Isotropic high-resolution imaging of large volumes provides unprecedented opportunities to understand cellular architecture and advance connectomics, which are essential for life science. Conventional Focused Ion Beam Scanning Electron Microscopy (FIB-SEM) offers unique benefits such as high resolution (< 10 nm) and robust image alignment. However, its prevailing deficiencies in imaging speed and duration cap the maximum possible image volume. Here, I will take you on the journey of transforming FIB-SEM from a conventional lab tool that is unreliable for more than a few days to a robust volume Electron Microscopy (vEM) imaging platform with 100% effective reliability: capable of years of continuous imaging without defects in the final image stack. As a result, we have expanded the imageable volume by more than four orders of magnitude from 103 µm3 to 3 x 107 µm3 while maintaining isotropic 8 x 8 x 8 nm3 voxels. Moreover, by trading off imaging speed, the system can achieve even higher resolutions at 4 x 4 x 4 nm3 voxels. Primarily limited by time, the maximum volume can be readily extended.
The expanded volumes enabled by this enhanced FIB-SEM technology open up a vast new regime in scientific learning, where nano-scale resolution coupled with meso and even macro scale volumes is critical. The largest connectome (https://neuprint.janelia.org) to date has been generated at 8 x 8 x 8 nm3 voxels. Likewise, higher resolution further improves the interpretation of otherwise ambiguous details. The ability of enhanced FIB-SEM to image whole cells and tissues at 4-nm isotropic voxels over large volumes makes it an ideal tool to map in toto the 3D ultrastructural relationship of organelles and protein complexes in living systems. Combined with super-resolution fluorescence imaging, correlative light-electron microscopy (CLEM) applications unleash the full potential of intracellular organelle and protein identification. Furthermore, we establish a reference library of whole cells and tissues with open access (https://openorganelle.janelia.org) to inspire wider research community to explore comprehensive cellular architecture. Finally, we envision this is the beginning of a new transformative field and a holistic way of looking into the neuronal circuitry and cellular world, which will ultimately lead us to the understanding of how the brain works and how cells function.

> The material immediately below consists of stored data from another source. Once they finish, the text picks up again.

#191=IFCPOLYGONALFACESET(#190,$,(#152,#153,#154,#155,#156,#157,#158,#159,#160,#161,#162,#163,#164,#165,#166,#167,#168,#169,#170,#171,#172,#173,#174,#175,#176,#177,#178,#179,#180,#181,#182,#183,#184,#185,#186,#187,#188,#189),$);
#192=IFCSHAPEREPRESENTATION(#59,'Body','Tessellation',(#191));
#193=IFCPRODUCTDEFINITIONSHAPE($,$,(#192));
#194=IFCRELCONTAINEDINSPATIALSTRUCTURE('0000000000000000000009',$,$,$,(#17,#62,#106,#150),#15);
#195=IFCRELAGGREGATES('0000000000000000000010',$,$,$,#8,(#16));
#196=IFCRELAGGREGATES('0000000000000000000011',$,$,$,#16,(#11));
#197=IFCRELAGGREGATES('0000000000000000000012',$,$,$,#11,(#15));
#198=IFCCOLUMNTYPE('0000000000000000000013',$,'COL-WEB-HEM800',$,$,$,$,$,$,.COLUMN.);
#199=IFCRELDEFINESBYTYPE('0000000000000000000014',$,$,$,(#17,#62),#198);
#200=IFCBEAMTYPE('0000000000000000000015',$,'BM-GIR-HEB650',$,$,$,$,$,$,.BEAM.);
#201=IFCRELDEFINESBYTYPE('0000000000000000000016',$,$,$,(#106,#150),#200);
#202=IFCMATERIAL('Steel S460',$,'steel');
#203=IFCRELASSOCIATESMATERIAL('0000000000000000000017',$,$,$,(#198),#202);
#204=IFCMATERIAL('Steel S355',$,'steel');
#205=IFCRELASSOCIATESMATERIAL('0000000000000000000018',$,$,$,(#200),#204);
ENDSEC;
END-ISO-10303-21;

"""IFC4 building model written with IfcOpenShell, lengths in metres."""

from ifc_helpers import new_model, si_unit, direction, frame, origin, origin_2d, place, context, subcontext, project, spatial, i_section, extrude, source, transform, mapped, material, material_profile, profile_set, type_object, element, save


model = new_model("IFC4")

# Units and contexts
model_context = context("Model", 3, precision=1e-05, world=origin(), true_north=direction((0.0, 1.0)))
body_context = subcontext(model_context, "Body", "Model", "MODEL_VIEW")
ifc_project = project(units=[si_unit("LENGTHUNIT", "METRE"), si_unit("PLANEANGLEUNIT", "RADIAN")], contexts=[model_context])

C. Shan Xu’s primary research interest is transformative instrumentation development enabling discoveries from basic science to engineering. His interdisciplinary inventions (20 plus patents) and numerous publications cover areas of physical chemistry, semiconductor engineering, and biology. Shan received his B.S. degree from University of Science and Technology of China, and his Ph.D. degree from University of California at Berkeley, both in Physical Chemistry. After graduation, he joined Lam Research Corporation in 1997, growing from an entry level engineer to a technical director in the R&D department, developing and disseminating advanced technology/equipment to serve worldwide customers. Curiosity of how the brain works led Shan to join the Howard Hughes Medical Institute in 2009, where he has pioneered and developed the enhanced FIB-SEM technology for large-volume 3D imaging at Janelia Research Campus. Over the past decade, Shan has transformed FIB-SEM from a conventional lab tool lacking long term reliability to a robust imaging platform with 100% effective reliability, expanding the imageable volume by more than four orders of magnitude, enabling the largest and most detailed connectome to date, and revealing transformational discoveries in cell biology. As the head of FIB-SEM Technology division, Shan’s current focus is to develop new generation platforms offering even faster image acquisition with larger volumes, and disseminate this transformative technology beyond life science to benefit much wider research communities world-wide.